Lo que desearía haber sabido sobre el matrimonio antes de casarme

wish-i-knew-Marriage

deseo-saber-matrimonio
Cortesía de Elaine Roth

Este fin de semana se acerca mi duodécimo aniversario de bodas. Doce años de casado, pero solo vivió nueve de ellos. Vivió para nueve de ellos y murió meses antes de nuestro décimo aniversario. Murió y, a los ojos de la ley que nos unía, mi matrimonio cesó.

Con el aniversario acercándose, el dolor y la nostalgia me hacen mirar a través de nuestro álbum de bodas y buscar en las cajas que había apilado en el armario. No estoy seguro de por qué. No necesito ayuda para recordar. De hecho, a veces siento que recuerdo demasiado vívidamente y demasiado. Y, sin embargo, me gusta.

Mi hallazgo más reciente es una caja llena de cartas que pertenecen a un juego que jugué en mi fiesta de bodas. Cada invitado llenó un pedazo de papel de pergamino del tamaño de una tarjeta y me dijo su mejor consejo matrimonial. Las tarjetas leen desde el cliché, «no te vayas a la cama enojado» hasta el digno de una sonrisa «siempre recuérdale que una esposa feliz significa una vida feliz». (A mi difunto esposo le gustó ese consejo, y está bien, lo admito, yo también lo apoyé). Pero ninguno de esos consejos reflejaba realmente lo que realmente desearía haber sabido sobre el matrimonio.

Pensé que el matrimonio era fácil, una extensión de la convivencia con mucha jerga legal que lo hacía oficial. Pensé que el matrimonio consistía en declarar impuestos juntos y discutir sobre a quién le tocaba sacar la basura. No lo sabía.

Lo que desearía haber sabido sobre el matrimonio antes de casarmeCortesía de Elaine Roth

Ojalá alguien me hubiera dicho que no es fácil. Ojalá alguien me hubiera dicho que tejer cada parte de tu vida con otra persona es difícil. Que es un estudio diario de paciencia y compromiso y control de su propio ego. Y, sin embargo, me gustaría que alguien me dijera que también es sin esfuerzo, tan fácil como respirar, tan fácil como simplemente amar a la persona que está a tu lado. Ojalá hubiera sabido que ambas cosas pueden ser verdad, y la tensión entre la falta de esfuerzo y el esfuerzo es el corazón del matrimonio.

Ojalá hubiera sabido que no me decepcionaría la vida real, que el día a día rara vez se siente como mariposas y estrellas fugaces. Ojalá hubiera sabido que los calcetines apestosos y el presupuesto y la logística de averiguar a qué casa de un familiar irás el Día de Acción de Gracias. Ojalá hubiera sabido que no siempre puede ser hermoso, pero los momentos mundanos son necesarios y pueden ser la base para algo extraordinario. Ojalá hubiera sabido que no siempre puede ser magia y, sin embargo, también, desearía haber sabido buscar magia incluso en lo mundano.

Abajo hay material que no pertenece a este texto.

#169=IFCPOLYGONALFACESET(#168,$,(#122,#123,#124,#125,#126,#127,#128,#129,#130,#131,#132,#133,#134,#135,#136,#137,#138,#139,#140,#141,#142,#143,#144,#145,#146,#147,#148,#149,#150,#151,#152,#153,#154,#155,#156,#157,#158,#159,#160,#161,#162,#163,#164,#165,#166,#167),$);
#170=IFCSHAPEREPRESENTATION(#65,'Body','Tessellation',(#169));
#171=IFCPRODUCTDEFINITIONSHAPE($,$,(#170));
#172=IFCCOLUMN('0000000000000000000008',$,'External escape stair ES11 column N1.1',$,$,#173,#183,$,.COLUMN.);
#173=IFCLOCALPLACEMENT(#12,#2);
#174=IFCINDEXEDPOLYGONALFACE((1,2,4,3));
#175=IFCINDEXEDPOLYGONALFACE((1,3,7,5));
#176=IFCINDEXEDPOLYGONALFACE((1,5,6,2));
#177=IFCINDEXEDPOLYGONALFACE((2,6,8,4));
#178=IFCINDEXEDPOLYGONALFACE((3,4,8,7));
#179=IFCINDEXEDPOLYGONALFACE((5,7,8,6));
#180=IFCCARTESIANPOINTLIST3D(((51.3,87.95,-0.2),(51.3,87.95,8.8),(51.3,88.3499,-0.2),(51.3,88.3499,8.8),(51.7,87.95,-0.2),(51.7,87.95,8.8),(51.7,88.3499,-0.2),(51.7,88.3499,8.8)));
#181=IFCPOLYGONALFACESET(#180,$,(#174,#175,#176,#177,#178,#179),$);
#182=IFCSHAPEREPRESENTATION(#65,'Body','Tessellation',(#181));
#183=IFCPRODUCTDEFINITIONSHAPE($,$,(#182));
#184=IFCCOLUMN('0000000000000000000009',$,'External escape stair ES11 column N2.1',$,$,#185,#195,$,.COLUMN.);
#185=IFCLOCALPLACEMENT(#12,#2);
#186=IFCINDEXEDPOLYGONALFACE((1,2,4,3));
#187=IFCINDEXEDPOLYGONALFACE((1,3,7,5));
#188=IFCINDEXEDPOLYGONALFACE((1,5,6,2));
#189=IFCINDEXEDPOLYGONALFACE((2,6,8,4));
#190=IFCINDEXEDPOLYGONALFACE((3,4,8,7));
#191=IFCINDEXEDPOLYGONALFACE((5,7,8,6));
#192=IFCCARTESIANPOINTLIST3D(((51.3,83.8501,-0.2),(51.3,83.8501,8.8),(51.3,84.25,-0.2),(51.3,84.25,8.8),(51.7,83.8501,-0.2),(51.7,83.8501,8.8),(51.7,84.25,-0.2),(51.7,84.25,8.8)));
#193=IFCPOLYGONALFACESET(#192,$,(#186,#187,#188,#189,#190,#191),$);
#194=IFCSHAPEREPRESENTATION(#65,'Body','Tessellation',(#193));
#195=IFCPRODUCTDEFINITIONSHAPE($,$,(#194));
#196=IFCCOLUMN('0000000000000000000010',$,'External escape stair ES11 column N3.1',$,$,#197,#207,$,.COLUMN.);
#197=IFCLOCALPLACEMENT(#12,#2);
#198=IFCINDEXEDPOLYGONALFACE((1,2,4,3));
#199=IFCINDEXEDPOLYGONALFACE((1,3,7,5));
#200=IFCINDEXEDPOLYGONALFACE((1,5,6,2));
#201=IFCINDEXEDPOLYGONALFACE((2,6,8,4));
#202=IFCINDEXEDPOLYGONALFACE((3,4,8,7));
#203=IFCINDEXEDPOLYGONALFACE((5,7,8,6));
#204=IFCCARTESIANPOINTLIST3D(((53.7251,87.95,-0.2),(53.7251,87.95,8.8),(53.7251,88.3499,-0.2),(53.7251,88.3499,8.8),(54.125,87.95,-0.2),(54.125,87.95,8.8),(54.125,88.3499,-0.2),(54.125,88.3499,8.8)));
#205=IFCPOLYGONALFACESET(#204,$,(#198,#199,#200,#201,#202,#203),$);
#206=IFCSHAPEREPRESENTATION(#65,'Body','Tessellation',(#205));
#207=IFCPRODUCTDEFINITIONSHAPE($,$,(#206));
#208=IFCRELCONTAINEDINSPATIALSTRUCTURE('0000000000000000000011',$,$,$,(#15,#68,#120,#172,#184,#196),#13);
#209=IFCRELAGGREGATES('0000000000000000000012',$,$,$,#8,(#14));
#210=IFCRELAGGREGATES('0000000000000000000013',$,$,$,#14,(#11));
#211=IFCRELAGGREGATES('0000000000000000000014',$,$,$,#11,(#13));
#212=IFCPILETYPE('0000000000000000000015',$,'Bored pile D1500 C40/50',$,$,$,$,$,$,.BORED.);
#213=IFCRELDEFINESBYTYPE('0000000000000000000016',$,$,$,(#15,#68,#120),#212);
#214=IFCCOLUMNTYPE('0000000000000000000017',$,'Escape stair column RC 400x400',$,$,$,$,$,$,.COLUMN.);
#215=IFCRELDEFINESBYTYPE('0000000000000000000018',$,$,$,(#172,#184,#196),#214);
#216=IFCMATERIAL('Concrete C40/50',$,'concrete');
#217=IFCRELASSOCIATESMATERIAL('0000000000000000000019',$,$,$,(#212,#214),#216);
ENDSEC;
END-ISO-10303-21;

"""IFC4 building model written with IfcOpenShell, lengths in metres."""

Ojalá hubiera sabido que las palabras importan, incluso en el matrimonio. Ojalá hubiera sabido decir siempre las palabras en mi mente, porque ahora me pregunto si dije lo suficiente. Además, desearía haber sabido que a veces no hay palabras, a veces simplemente aparece y está allí y toma su mano, y eso es suficiente y más significativo que cualquier palabra.

Ojalá hubiera sabido tomar más fotos e imprimirlas. No necesariamente solo de los momentos mejor posados, sino también de los desordenados. Pero también desearía que alguien me hubiera dicho que dejara mi teléfono, porque algunos de mis recuerdos favoritos no podrían ser capturados por la tecnología de todos modos. Ojalá hubiera sabido que las imágenes serían todo lo que me quedaría, y también que las imágenes nunca harían justicia a los recuerdos en mi mente.

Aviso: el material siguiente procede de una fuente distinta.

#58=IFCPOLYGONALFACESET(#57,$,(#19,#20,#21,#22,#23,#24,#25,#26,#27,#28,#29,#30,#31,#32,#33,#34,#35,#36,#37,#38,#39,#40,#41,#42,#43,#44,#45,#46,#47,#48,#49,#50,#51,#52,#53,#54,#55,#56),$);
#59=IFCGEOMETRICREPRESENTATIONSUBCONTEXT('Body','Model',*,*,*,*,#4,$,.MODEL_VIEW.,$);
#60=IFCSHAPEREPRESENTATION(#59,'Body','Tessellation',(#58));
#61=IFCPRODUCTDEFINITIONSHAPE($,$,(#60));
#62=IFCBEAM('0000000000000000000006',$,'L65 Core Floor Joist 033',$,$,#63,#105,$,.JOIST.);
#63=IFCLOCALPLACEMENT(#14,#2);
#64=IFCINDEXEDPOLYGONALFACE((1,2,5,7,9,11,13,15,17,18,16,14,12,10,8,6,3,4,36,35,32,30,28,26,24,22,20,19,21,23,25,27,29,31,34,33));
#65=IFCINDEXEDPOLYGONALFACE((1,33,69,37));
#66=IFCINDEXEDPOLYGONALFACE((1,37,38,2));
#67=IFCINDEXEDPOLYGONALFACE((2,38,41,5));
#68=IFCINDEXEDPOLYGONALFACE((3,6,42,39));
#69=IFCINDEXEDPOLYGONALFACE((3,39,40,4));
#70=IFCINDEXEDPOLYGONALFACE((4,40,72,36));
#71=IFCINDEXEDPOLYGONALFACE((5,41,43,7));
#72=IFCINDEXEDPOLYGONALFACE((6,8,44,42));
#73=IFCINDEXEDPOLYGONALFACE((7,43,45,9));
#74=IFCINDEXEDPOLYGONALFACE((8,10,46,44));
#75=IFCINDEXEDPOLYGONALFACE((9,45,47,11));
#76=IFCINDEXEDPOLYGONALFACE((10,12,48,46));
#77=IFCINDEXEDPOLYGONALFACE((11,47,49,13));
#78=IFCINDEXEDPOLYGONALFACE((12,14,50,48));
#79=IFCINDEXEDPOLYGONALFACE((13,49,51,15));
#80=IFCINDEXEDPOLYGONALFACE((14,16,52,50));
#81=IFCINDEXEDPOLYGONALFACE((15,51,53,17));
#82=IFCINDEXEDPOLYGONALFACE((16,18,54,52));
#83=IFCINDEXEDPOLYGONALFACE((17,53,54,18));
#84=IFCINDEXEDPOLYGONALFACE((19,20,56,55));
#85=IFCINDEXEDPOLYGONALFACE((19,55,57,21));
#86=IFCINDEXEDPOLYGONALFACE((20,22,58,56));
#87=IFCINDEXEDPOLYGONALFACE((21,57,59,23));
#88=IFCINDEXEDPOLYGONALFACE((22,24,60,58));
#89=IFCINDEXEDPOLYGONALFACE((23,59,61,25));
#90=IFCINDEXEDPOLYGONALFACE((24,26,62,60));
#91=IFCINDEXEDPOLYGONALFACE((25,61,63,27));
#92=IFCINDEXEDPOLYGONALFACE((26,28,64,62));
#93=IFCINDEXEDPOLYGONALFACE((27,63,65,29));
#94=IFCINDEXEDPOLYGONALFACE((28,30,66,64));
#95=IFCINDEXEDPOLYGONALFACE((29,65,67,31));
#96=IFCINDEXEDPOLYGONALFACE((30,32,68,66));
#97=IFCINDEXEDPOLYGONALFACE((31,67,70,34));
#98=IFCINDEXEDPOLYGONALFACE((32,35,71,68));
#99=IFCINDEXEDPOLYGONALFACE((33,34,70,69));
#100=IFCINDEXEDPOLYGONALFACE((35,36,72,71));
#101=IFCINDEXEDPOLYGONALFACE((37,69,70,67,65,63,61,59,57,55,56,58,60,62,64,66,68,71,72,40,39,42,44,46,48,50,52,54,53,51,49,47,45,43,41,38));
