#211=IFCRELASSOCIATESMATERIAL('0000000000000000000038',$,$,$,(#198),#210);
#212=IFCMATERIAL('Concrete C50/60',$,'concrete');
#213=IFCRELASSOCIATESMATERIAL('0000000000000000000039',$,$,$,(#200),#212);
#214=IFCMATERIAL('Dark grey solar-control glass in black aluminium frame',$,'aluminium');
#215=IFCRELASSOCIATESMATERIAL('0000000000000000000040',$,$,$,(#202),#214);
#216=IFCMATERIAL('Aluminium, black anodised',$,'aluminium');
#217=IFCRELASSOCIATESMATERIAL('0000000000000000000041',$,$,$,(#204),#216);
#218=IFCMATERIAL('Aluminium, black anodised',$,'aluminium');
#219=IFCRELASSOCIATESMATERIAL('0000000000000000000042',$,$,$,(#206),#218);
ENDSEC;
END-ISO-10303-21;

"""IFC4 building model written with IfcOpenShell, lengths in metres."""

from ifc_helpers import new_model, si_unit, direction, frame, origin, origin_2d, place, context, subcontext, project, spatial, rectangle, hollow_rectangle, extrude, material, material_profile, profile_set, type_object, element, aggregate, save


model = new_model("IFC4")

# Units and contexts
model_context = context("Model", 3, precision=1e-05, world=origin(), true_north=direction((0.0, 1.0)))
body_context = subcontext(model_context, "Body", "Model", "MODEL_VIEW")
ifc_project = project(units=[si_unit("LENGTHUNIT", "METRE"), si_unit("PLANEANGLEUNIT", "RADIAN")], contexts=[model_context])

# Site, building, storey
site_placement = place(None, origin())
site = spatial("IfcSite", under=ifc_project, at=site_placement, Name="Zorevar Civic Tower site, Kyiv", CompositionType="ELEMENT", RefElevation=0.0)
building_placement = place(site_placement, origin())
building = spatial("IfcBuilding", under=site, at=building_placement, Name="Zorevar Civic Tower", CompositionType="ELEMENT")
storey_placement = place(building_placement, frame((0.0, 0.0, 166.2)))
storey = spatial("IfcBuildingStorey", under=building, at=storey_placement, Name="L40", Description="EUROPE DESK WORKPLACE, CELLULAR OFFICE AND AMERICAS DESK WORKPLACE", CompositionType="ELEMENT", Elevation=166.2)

Ojalá hubiera sabido que a veces no puedes salvarlos por mucho que lo intentes. Ojalá hubiera sabido que a través de la enfermedad y la salud significa más que administrar medicamentos y controlar los síntomas. Ojalá supiera que significa ser la persona que buscan en una habitación llena de médicos, con la inconmensurable responsabilidad de saber que eres su fuerza de aterrizaje suave y tierra cuando el mundo es irregular y al revés. Y sin embargo, desearía haber sabido que no te necesitan para salvarlos; solo necesitan que te pongas a su lado mientras intentan salvarse.

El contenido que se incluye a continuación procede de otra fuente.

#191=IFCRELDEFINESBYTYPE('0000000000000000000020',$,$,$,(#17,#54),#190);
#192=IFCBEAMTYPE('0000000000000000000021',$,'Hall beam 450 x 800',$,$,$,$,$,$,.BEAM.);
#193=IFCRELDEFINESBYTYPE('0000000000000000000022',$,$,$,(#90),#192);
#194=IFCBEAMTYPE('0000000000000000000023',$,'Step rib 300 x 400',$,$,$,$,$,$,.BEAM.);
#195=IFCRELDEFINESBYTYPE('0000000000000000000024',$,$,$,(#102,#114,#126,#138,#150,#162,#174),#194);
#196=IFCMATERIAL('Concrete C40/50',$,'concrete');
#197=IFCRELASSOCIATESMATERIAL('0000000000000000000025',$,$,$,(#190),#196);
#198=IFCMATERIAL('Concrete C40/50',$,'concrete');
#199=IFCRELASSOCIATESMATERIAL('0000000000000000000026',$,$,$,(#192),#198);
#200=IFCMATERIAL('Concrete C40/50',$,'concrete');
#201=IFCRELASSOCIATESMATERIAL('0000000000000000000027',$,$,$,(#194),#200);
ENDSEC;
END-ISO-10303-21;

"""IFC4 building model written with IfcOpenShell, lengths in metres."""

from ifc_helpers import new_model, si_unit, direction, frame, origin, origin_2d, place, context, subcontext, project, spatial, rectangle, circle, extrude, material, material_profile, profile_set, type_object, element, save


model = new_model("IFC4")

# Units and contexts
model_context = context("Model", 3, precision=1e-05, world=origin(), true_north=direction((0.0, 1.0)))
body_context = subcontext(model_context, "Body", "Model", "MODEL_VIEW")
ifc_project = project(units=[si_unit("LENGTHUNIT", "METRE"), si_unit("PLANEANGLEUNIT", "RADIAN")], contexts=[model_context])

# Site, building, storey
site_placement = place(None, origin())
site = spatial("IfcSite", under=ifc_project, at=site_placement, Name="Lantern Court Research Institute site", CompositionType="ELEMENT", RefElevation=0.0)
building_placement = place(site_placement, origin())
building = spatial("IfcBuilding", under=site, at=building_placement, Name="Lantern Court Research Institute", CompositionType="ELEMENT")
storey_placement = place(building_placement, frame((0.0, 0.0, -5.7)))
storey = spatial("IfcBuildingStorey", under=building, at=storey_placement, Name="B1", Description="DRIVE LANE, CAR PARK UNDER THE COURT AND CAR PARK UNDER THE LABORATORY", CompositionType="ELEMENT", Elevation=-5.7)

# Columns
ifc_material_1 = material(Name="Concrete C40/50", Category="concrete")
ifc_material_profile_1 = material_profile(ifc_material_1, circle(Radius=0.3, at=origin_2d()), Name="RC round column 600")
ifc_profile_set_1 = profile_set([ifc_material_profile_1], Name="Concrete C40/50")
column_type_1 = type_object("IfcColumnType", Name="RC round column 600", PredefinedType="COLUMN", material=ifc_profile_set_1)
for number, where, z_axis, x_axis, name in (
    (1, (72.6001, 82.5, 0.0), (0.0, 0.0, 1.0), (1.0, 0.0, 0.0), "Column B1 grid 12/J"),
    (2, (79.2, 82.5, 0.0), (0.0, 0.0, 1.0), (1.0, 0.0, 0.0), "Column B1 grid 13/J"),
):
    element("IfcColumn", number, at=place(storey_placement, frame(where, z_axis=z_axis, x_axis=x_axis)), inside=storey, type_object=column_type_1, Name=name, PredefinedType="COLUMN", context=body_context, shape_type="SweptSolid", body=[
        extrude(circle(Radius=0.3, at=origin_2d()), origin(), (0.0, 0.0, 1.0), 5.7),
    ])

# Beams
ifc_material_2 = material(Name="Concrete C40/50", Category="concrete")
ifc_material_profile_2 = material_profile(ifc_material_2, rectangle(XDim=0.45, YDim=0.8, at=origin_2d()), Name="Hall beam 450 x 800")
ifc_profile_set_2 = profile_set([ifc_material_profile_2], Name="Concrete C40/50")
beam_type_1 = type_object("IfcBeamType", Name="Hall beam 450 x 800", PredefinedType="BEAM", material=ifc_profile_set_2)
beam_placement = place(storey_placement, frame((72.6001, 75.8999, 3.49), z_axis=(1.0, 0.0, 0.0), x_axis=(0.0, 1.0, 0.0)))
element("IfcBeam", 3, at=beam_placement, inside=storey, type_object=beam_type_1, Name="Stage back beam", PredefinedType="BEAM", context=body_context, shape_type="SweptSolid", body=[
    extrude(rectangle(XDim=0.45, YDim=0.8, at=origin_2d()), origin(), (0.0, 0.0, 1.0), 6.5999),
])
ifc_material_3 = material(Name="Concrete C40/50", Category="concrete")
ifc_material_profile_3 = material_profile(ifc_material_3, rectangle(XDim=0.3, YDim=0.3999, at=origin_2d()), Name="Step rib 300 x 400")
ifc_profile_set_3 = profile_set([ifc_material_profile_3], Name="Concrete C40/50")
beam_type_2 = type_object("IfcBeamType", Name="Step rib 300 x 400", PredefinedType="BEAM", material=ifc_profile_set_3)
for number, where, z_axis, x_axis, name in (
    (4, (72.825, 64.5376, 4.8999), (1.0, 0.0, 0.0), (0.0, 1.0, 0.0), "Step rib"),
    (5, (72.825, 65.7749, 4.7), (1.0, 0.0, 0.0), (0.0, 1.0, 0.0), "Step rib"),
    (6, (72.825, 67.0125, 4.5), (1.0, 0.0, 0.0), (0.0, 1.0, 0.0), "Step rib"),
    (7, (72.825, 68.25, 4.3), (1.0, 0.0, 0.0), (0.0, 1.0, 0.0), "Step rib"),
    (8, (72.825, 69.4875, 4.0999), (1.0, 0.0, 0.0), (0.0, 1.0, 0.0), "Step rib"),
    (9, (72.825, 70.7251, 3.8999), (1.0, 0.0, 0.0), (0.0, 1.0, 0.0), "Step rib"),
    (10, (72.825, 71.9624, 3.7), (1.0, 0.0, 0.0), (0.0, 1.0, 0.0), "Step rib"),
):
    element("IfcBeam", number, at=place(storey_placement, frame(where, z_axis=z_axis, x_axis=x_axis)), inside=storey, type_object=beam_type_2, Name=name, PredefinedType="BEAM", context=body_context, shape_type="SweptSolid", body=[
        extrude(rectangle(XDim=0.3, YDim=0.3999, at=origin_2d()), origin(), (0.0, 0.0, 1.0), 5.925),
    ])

Lo que desearía haber sabido sobre el matrimonio antes de casarmeCortesía de Elaine Roth

Ojalá hubiera sabido aprovechar al máximo cada momento. Además, desearía haber sabido que consejos como «aprovechar al máximo cada momento» no son realistas y son un punto de referencia demasiado alto. Algunos momentos se desvanecen, otros se vuelven borrosos. Es mejor perder algunos momentos en el tapiz de la memoria. Pero también, desearía haber entendido lo que significa aprovechar al máximo cada momento, incluso los que es mejor perder. Ojalá hubiera sabido que aprovechar al máximo significaba ser auténticamente tú mismo en cada momento y dejar que alguien más vea eso y ame eso, y también ver y amar esa autenticidad en otra persona.

Ojalá hubiera sabido cómo terminaría antes de que todo comenzara. Ojalá hubiera sabido estar preparada para lo duro que se derrumbaría todo para poder prepararme para la caída. Y, sin embargo, desearía haber sabido que conocer el final no me habría hecho cambiar ni un momento del resto, porque nunca puedes prepararte realmente para la caída, por lo que es mejor que te eleves mientras tengas la oportunidad.

Ojalá hubiera sabido que nunca se sentirá como tiempo suficiente, sin importar cuánto tiempo tengas.

Ojalá hubiera sabido que el matrimonio está lleno de contradicciones, al igual que la vida, al igual que la pérdida.

Ojalá hubiera sabido que ningún consejo me prepararía para el matrimonio.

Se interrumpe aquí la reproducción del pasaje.